Publicado por Aurora Ali, en Webislam, el 6 de diciembre de 2017.
Desde hace meses, incluso años, oímos cada vez con más asiduidad hablar de “segundas generaciones” y “terceras generaciones” en medios de comunicación, términos estos que también están en boca de personalidades públicas. Las campañas xenófobas de algunos partidos políticos en distintos países de Europa han contribuido a esta “moda” ampliamente imitada.
Llama la atención que estas expresiones, que se usaban para describir un aspecto más o menos relevante de la identidad de una persona, sean mayoritariamente empleadas para hablar de personas musulmanas y/o de origen árabe (incluidos menores).
Pero llama aún más la atención que estas expresiones vayan acompañadas de información “alarmante” relacionada con la seguridad o, directamente, con el terrorismo.
A veces siento como si mi pasaporte se partiese por la mitad.
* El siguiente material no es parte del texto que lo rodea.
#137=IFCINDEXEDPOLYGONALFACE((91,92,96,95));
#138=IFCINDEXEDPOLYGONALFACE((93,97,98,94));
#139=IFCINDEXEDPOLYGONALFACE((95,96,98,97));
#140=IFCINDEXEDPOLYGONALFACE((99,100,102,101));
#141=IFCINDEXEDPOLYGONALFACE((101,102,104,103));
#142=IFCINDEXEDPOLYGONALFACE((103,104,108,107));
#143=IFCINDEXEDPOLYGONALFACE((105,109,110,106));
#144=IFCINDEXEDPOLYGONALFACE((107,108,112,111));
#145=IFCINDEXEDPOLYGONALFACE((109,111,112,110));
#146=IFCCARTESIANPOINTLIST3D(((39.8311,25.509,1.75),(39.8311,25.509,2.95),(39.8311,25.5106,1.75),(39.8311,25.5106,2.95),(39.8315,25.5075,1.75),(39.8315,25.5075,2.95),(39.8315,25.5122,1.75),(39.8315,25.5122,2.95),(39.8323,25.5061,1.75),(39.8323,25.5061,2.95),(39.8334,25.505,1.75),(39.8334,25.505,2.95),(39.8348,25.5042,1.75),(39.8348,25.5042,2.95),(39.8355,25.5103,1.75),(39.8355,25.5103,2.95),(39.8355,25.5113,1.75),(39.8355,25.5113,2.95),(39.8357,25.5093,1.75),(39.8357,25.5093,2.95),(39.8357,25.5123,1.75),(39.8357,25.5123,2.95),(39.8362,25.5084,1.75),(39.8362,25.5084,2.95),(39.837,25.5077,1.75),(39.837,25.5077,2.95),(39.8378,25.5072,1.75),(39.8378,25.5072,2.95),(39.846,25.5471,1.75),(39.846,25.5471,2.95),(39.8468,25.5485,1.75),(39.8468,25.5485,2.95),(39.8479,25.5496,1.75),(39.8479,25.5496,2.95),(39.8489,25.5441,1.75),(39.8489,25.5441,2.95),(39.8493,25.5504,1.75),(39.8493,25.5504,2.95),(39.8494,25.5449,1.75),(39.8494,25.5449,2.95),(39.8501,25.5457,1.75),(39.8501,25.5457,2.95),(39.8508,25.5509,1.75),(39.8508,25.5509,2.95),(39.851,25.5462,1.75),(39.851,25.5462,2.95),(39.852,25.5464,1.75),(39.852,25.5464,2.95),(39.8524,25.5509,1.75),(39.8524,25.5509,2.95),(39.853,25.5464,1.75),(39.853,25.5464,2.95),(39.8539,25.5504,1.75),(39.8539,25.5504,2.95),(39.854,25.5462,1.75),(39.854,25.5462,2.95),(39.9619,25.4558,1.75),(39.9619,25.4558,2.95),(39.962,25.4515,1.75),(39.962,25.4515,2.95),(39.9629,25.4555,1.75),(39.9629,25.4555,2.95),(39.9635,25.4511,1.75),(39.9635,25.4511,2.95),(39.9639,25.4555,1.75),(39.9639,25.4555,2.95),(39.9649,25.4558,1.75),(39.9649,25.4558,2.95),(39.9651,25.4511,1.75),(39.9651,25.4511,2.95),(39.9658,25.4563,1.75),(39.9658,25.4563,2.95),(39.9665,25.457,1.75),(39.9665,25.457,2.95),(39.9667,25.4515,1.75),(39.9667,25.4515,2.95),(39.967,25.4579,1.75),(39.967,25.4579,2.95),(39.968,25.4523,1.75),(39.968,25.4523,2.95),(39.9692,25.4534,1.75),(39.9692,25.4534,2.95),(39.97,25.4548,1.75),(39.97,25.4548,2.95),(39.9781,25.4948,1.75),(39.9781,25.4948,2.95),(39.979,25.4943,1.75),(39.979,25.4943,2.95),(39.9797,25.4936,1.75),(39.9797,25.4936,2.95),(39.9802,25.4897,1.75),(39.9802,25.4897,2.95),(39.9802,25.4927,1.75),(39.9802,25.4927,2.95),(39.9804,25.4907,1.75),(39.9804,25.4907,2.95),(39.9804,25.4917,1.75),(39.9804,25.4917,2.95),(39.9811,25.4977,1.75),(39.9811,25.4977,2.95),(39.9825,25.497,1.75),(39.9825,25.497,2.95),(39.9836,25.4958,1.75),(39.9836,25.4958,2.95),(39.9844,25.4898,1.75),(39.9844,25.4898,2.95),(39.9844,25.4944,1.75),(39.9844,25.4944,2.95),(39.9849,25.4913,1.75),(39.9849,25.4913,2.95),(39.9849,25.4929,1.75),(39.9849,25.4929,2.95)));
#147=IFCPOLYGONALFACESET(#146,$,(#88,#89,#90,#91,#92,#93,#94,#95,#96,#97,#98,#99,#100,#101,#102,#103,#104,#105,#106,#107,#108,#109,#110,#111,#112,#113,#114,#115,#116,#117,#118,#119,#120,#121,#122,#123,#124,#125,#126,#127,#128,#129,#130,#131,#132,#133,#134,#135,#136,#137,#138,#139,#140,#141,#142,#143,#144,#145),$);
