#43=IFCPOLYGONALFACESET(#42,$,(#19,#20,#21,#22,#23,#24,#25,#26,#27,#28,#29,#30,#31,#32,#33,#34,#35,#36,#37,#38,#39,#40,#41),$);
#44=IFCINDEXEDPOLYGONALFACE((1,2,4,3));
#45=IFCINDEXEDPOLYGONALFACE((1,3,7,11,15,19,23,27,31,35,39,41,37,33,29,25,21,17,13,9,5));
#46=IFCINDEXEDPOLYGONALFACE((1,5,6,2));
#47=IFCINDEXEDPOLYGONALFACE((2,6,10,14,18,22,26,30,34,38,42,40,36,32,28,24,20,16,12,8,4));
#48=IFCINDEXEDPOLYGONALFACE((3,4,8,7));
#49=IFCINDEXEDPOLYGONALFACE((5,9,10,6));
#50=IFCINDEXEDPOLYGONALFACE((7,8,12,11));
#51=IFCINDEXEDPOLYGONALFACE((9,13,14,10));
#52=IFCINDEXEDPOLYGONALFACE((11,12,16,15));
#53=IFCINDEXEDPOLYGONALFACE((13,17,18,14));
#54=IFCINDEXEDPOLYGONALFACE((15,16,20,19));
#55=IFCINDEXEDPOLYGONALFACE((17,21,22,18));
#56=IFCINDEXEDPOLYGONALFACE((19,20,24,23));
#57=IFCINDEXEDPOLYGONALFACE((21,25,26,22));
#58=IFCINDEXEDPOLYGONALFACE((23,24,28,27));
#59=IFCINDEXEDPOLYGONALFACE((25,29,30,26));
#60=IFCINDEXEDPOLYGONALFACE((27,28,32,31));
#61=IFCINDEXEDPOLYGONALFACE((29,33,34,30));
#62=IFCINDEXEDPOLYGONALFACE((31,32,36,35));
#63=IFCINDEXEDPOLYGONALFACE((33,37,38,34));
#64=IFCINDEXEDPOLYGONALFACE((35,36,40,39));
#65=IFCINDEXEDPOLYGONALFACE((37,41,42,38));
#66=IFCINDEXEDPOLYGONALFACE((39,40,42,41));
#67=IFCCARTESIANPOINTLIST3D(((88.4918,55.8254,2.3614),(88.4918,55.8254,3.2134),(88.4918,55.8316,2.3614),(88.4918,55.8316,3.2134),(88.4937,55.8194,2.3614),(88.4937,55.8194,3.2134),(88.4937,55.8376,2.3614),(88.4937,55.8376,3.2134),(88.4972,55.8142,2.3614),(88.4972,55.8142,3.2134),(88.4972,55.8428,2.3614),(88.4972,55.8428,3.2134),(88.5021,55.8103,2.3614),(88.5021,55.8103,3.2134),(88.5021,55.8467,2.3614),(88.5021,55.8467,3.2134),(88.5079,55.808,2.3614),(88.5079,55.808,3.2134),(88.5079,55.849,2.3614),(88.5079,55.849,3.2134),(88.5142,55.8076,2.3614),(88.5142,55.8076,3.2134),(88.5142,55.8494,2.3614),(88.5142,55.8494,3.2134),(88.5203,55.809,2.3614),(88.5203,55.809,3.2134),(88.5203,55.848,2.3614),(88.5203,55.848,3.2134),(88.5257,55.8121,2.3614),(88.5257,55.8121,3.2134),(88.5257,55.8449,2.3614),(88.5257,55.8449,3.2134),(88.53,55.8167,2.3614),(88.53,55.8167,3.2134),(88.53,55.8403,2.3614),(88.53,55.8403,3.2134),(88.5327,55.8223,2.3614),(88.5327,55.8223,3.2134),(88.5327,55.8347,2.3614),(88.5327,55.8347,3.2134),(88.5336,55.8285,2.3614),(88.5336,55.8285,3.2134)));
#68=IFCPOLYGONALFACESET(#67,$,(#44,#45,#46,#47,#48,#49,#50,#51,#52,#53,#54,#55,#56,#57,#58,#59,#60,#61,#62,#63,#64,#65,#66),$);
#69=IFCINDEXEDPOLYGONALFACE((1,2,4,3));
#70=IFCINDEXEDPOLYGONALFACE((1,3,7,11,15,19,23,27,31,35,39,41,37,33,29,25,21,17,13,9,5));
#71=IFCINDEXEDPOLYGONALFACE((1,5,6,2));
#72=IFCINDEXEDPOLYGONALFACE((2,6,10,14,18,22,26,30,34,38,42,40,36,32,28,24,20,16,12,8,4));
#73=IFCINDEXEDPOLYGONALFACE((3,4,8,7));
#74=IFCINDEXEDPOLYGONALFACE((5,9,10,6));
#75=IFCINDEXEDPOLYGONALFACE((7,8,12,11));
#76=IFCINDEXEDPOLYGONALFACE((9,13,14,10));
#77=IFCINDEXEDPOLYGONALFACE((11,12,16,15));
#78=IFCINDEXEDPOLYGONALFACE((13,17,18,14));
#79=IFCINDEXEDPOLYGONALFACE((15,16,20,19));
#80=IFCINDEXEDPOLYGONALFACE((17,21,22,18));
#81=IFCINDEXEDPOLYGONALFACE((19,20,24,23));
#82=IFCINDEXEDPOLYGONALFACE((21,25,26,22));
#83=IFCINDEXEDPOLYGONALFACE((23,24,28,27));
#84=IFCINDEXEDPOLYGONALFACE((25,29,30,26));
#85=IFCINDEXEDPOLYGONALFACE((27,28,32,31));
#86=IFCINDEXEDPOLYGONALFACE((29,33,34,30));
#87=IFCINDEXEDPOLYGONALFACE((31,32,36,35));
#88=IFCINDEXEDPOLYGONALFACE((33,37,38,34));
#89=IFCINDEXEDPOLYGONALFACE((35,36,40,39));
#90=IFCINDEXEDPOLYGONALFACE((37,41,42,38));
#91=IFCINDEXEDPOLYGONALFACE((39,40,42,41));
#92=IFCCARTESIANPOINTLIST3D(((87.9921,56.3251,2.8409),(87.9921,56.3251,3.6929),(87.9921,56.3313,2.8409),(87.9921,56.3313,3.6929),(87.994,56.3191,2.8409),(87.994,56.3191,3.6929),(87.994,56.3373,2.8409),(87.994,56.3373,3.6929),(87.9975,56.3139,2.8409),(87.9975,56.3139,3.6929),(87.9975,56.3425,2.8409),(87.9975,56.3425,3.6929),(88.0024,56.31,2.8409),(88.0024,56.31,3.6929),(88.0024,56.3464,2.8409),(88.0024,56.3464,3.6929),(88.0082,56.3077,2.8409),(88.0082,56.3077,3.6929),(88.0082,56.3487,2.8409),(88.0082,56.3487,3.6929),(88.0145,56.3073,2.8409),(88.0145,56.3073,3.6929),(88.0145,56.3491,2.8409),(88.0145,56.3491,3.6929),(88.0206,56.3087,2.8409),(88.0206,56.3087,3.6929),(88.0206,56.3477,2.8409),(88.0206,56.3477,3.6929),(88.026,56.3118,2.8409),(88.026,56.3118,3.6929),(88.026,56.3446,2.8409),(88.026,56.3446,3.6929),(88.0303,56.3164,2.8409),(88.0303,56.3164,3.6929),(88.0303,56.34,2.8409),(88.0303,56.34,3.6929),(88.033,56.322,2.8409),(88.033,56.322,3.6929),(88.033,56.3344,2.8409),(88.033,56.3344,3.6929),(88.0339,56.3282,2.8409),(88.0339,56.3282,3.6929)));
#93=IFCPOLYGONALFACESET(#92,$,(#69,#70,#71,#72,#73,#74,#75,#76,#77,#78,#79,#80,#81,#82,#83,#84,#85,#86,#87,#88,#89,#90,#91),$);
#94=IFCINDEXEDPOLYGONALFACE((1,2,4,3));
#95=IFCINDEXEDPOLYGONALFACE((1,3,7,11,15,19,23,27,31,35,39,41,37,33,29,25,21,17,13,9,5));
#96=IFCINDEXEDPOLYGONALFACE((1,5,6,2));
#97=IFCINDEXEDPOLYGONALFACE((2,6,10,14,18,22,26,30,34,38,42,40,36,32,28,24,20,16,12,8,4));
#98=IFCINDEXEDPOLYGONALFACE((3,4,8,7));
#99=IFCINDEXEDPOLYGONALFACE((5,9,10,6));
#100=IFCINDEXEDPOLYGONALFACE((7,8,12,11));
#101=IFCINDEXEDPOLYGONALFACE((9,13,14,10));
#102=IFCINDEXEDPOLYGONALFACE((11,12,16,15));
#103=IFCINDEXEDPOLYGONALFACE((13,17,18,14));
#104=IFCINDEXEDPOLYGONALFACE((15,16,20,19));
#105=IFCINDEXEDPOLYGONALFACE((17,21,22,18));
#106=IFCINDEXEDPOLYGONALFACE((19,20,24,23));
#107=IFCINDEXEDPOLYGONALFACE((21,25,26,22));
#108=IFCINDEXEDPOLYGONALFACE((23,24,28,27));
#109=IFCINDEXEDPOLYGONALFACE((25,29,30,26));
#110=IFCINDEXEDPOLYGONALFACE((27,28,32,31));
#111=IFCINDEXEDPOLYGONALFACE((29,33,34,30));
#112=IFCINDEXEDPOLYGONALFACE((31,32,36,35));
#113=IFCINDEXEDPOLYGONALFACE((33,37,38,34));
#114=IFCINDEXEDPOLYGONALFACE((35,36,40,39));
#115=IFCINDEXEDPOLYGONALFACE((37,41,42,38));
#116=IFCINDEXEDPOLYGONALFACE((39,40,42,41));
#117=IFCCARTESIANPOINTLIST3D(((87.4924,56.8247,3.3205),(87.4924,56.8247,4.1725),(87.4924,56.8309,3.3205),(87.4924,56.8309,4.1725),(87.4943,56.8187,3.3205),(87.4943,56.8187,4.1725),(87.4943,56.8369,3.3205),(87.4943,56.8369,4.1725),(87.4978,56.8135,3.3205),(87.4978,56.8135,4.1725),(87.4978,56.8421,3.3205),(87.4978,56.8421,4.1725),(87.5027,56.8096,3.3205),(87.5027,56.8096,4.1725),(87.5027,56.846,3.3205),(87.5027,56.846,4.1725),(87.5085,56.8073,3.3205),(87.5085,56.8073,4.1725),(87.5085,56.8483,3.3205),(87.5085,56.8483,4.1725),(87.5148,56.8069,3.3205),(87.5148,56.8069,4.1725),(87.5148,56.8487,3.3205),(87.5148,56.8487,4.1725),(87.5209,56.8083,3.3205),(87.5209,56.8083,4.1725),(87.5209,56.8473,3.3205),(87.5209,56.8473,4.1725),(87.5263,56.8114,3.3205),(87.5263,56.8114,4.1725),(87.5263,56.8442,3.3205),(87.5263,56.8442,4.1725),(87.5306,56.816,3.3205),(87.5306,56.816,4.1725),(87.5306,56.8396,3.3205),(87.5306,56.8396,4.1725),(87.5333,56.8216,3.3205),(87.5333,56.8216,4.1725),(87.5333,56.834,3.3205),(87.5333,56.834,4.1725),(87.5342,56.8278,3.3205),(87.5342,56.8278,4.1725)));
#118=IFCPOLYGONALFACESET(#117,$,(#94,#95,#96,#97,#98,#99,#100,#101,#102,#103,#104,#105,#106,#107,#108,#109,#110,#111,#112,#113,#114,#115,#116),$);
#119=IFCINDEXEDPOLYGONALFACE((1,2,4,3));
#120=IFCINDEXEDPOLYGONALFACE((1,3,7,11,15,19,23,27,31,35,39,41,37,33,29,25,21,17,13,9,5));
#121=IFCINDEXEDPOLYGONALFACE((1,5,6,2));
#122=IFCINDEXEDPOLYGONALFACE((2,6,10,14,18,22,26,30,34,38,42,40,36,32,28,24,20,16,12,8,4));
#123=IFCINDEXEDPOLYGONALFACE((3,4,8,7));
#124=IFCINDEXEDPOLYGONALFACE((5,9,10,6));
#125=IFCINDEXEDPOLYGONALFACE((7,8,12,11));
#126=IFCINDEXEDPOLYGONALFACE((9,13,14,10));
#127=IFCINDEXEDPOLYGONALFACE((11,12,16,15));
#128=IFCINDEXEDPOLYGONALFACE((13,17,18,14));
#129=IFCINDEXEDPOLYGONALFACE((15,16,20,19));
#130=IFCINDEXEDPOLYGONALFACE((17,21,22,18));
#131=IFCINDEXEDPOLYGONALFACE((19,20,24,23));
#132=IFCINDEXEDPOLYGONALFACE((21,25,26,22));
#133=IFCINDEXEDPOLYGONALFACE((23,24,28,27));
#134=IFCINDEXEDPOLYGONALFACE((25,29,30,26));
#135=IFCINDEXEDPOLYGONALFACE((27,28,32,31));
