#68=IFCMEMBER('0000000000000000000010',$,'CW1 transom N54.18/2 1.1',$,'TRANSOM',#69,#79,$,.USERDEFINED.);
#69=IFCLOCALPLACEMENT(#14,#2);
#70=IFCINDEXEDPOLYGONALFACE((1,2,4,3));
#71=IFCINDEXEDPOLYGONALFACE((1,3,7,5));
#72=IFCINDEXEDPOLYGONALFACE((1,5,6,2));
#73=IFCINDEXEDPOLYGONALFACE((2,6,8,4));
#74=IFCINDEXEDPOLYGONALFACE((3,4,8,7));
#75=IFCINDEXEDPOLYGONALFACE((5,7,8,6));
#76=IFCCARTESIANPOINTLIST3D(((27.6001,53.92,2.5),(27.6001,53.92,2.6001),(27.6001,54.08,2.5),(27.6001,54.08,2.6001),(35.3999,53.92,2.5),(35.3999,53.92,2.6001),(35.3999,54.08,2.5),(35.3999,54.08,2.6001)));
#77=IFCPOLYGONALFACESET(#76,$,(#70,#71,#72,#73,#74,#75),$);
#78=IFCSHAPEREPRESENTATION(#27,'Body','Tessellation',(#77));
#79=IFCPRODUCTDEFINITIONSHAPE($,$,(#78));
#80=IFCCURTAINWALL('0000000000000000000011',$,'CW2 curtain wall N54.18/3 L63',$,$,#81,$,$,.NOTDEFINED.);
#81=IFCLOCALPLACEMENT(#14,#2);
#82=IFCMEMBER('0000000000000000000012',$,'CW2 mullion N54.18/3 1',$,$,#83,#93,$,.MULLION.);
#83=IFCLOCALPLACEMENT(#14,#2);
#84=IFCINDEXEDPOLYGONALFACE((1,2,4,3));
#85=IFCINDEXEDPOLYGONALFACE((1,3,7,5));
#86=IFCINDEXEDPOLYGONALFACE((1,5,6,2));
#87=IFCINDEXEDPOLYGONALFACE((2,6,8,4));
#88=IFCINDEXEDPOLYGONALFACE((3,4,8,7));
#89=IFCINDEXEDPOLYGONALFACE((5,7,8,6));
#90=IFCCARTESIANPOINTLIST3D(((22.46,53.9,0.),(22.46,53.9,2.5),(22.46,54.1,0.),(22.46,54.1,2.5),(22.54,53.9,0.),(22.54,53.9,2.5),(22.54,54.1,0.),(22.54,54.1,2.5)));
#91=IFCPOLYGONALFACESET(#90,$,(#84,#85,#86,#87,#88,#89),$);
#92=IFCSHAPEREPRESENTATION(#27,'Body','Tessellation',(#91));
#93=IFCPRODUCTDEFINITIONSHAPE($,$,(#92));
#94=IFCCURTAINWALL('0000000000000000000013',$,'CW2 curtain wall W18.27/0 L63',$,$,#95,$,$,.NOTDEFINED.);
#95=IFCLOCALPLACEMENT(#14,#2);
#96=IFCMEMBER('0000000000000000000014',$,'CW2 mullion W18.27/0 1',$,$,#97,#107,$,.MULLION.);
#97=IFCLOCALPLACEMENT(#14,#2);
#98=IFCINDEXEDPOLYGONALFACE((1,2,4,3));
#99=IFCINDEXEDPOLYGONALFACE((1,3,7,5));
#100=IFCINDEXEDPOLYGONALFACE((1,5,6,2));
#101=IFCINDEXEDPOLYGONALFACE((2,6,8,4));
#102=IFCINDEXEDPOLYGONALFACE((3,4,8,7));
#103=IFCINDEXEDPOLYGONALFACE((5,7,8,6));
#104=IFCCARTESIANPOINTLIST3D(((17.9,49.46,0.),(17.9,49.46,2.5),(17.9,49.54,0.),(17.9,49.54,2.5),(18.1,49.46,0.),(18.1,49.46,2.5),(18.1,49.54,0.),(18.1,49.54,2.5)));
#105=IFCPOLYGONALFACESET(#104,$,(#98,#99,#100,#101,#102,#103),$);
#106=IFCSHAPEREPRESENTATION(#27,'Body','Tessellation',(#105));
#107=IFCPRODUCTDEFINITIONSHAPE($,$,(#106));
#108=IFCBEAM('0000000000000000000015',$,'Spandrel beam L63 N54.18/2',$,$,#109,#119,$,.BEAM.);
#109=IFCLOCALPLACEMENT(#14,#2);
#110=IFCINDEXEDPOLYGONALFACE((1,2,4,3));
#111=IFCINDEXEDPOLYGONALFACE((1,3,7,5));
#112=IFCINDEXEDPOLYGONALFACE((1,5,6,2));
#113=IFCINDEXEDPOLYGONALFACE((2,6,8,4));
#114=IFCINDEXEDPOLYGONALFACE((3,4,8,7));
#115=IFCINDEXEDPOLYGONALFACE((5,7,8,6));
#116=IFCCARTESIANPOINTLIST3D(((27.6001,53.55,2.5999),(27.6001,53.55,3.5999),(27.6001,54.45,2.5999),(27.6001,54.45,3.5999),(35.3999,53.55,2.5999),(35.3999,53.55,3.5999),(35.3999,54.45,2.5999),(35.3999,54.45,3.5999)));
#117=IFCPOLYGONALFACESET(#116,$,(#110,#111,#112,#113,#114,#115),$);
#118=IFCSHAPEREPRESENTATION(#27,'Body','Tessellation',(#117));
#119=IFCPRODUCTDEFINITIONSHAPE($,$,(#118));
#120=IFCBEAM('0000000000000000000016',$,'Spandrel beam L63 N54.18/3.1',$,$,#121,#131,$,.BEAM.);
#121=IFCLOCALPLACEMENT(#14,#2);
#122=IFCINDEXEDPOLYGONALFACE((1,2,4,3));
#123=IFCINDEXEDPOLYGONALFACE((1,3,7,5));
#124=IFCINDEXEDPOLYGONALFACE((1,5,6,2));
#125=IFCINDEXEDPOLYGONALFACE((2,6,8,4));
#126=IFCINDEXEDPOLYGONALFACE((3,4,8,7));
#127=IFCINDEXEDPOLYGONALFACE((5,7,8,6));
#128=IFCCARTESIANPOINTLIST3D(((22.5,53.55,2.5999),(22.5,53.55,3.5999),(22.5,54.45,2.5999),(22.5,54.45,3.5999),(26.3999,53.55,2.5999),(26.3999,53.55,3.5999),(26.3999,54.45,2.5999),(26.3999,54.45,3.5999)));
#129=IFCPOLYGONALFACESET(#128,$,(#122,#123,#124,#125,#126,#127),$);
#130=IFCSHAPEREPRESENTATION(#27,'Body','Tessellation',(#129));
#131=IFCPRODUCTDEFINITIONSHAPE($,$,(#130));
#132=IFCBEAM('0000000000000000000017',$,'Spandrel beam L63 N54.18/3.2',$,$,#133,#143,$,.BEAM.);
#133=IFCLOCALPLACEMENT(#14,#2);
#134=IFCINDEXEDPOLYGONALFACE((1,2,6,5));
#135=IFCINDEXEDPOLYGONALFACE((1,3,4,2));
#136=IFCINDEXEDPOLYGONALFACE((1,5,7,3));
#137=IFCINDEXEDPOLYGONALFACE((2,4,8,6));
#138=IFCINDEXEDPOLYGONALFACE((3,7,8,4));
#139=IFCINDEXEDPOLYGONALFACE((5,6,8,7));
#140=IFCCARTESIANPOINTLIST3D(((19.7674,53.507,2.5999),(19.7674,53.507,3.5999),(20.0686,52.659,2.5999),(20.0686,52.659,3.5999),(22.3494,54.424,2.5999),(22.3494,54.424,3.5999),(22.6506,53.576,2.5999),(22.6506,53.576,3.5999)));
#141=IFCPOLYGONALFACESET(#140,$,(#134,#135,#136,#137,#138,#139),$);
Como si fuera un pasaporte “de segunda”. Si nuestros hijos e hijas serán o son la tercera generación, ¿sentirán entonces que su pasaporte se parte en tres?
Resulta sumamente irracional que, en el país en el que se ha nacido o al que se ha llegado de pequeño, uno sea relegado a un segundo plano “de repente” y con asiduidad por obra y gracia de los medios de comunicación, o que se convierta en sujeto de debate en tertulias con “expertos en yihadismo”. Esa suma de titulares, tertulias y discursos es lo que convierte ese conjunto de expresiones en un estigma.
Si uno es hijo de padres australianos, por ejemplo, no tiene por qué sentirse señalado en los medios ni en los titulares por expresiones como “yihadista”, “probabilidades” o “integración”.
España es diversa y esa diversidad debería ser una bendición para el conjunto de la sociedad. Esas “segundas y terceras generaciones” son ciudadanos de pleno derecho, con sus deberes y obligaciones. Pero al parecer, el status de inmigrante no tiene fecha de caducidad y además resulta hereditario. Una cosa es que un ciudadano quiera mantener algunos aspectos de su origen y reivindicarlos y otra bien diferente es que desde algunos sectores de la sociedad en la que vive y trabaja, aparezcan y desaparezcan niveles de ciudadanía según el discurso del momento.
Algunas de esas “segundas generaciones” son hijos de parejas mixtas. Entonces ¿ellos qué son? ¿“medio segundas generaciones”? ¿Tendrán más probabilidades de sufrir crisis de identidad o solo la mitad de posibilidades?
Ese sentimiento que se fomenta de “no soy ni de aquí ni de allí” podría ser tratado de manera más positiva, como una riqueza de la sociedad y del individuo, no como un lastre o una crisis existencial. Todos podemos decidir cómo desarrollar esos aspectos de nuestras identidades como factores enriquecedores y complementarios, al igual que los hijos de padres de origen islandés, por ejemplo.
El estigma generacional, que hoy en día solo afecta y señala a una parte de la población, fomenta prejuicios que derivan en discriminación, discursos y delitos de odio que generan una sociedad enferma.
Las jóvenes generaciones son el futuro, debemos tratarlas con el amor y respeto que merecen por la gran responsabilidad con la que cargan, empoderándolas, promoviendo y reconociendo sus aportaciones a la sociedad. Esas historias son las historias que deberían ser contadas por su mérito. Al no visibilizar ni normalizar estas narrativas positivas, sólo se ve el estigma y se cae en una constante extranjerización de una parte de ese futuro.
El origen debería volver a ser un concepto descriptivo y respetuoso. No podemos estigmatizar a cientos de miles de jóvenes de “segunda o tercera generación” por el comportamiento de unos cuantos que en absoluto representan a un colectivo por el hecho de coincidir en un aspecto, al igual que no podemos estigmatizar a aquellos que comparten algún rasgo de la identidad con los verdugos de la violencia de género, por ejemplo.